R. v. Carbone, 2012 ONCJ 22.  The two accused imported and distributed tobacco products into and across Canada legally.  Ontario Ministry of Revenue was concerned that one of the accused’s companies breached the Tobacco Tax Act with respect to the filing of tax returns. 

A search warrant was executed.  Two prohibited firearms and ammunition were discovered in the office.  Eighteen months previously, the two accused had been seriously threatened, reported it to the police, and out of fear, decided to purchase illegal guns.  One gun was unloaded with ammunition in a separate drawer in the same cabinet.  The other, a 9mm semi-automatic was loaded and found in a backpack under one offender’s desk.  Neither accused had criminal record.  Both were involved in the community.  The trial judge imposed a sentence of 60 days imprisonment, to be served intermittently, plus 18 months’ probation.

R. c. Gardner, 2013 QCCQ 318.  The accused pleaded guilty to production of cannabis and possession of a restricted firearm with ammunition (s. 95).  Police seized eight cannabis plants, 16.7 g of marihuana and sums of money totalling $3,000.  They also found a revolver in the master bedroom.  The accused worked in a pub, had another part-time job and was working towards a secretarial diploma.  The accused, who was a first offender, sought an absolute discharge.  Marchard J.C.Q. stated that under the circumstances, an absolute discharge was not warranted.  The trial judge granted the accused a conditional discharge with respect to both offences, with probation for 9 months and 50 hours of community service.

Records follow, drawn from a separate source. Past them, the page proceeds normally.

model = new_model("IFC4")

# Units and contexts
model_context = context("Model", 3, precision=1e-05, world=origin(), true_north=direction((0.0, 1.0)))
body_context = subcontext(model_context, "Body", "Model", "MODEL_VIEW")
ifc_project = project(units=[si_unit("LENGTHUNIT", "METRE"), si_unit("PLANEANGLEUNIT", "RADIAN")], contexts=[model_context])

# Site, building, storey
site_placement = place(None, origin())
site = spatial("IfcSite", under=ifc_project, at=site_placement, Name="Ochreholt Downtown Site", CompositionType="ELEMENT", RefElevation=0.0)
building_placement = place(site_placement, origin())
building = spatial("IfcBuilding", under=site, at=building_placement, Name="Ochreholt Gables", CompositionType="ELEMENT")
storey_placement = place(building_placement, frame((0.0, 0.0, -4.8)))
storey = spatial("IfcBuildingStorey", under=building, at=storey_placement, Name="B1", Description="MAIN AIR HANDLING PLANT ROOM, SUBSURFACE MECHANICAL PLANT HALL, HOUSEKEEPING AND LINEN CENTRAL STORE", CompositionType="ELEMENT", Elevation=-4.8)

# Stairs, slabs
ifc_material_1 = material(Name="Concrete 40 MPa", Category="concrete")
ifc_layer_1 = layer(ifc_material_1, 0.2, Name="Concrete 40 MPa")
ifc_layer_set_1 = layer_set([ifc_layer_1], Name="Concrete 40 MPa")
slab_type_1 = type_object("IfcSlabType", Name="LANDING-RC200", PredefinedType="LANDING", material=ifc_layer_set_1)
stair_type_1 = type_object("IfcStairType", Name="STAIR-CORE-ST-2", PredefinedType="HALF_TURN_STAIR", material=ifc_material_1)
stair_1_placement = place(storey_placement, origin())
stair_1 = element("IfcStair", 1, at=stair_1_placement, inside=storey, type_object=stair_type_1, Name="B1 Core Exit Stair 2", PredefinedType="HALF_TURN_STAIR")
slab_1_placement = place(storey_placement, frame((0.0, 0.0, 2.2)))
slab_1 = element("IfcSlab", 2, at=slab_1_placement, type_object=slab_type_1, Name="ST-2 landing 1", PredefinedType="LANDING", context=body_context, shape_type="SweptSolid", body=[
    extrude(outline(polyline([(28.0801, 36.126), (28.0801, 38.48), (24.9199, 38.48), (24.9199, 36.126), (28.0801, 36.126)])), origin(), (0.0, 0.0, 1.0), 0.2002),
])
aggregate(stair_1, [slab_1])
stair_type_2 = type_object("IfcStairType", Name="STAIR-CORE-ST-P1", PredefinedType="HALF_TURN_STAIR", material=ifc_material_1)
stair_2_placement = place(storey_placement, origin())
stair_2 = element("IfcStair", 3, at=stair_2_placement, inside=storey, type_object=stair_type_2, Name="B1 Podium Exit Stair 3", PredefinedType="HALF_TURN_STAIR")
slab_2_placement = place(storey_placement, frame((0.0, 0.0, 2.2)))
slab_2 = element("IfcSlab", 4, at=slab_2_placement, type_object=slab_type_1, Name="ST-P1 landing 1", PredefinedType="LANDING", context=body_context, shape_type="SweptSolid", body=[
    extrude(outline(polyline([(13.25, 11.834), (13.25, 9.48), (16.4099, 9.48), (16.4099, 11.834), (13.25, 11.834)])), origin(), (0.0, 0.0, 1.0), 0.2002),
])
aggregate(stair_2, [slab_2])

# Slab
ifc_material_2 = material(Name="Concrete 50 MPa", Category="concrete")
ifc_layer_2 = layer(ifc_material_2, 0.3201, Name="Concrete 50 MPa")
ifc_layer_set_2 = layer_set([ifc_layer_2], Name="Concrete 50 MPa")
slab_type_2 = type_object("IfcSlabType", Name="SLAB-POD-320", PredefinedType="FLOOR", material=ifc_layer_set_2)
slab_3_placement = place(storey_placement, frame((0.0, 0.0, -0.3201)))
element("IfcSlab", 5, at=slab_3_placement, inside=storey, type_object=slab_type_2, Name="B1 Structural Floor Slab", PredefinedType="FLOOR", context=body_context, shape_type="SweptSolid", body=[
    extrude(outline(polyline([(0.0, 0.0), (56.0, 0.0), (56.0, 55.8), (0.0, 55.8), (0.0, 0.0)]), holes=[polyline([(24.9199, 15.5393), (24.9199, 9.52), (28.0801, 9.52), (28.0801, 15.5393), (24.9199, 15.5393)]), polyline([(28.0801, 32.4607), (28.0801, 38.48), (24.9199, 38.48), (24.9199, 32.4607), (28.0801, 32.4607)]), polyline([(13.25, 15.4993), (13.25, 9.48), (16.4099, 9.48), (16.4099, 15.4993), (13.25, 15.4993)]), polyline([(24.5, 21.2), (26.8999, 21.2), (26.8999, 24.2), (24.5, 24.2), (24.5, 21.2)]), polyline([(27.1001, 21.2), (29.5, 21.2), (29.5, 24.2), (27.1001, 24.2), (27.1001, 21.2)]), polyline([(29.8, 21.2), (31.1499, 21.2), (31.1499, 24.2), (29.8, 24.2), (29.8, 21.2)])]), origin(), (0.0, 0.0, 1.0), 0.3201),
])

R. v. Laponsee, 2013 ONCJ 295.  The Crown proceeded by indictment.  The trial judge struck down the mandatory minimum provision.  The offender was convicted of a variety of firearms related offences.  He went to the Ottawa airport to board a flight to Calgary.  When his duffel bag (a checked piece of luggage) was screened, they found a .22 Smith and Wesson handgun, an empty clip, and a box of .22 caliber bullets wrapped between two licence plates.  The gun was not registered.  He was found guilty of transporting a firearm in a careless manner (s. 86(3)); possessing a firearm without a licence (s. 91(3)); possessing an unloaded restricted weapon with readily accessible ammunition (s. 95(2)); attempting to take on board a civilian aircraft an offensive weapon and an explosive substance (ammunition) without the consent of the owner (s. 463(b)).  The offender at one time had a possession and acquisition licence for a restricted weapon, but it had expired.  He was 48 with no criminal record and was a good employee.  There was no hint his possession of the restricted weapon had any suggestion of criminality.  The trial judge imposed a one-year conditional sentence for the s. 95(2) offence, and a six months’ conditional concurrent sentence on all of the other offences.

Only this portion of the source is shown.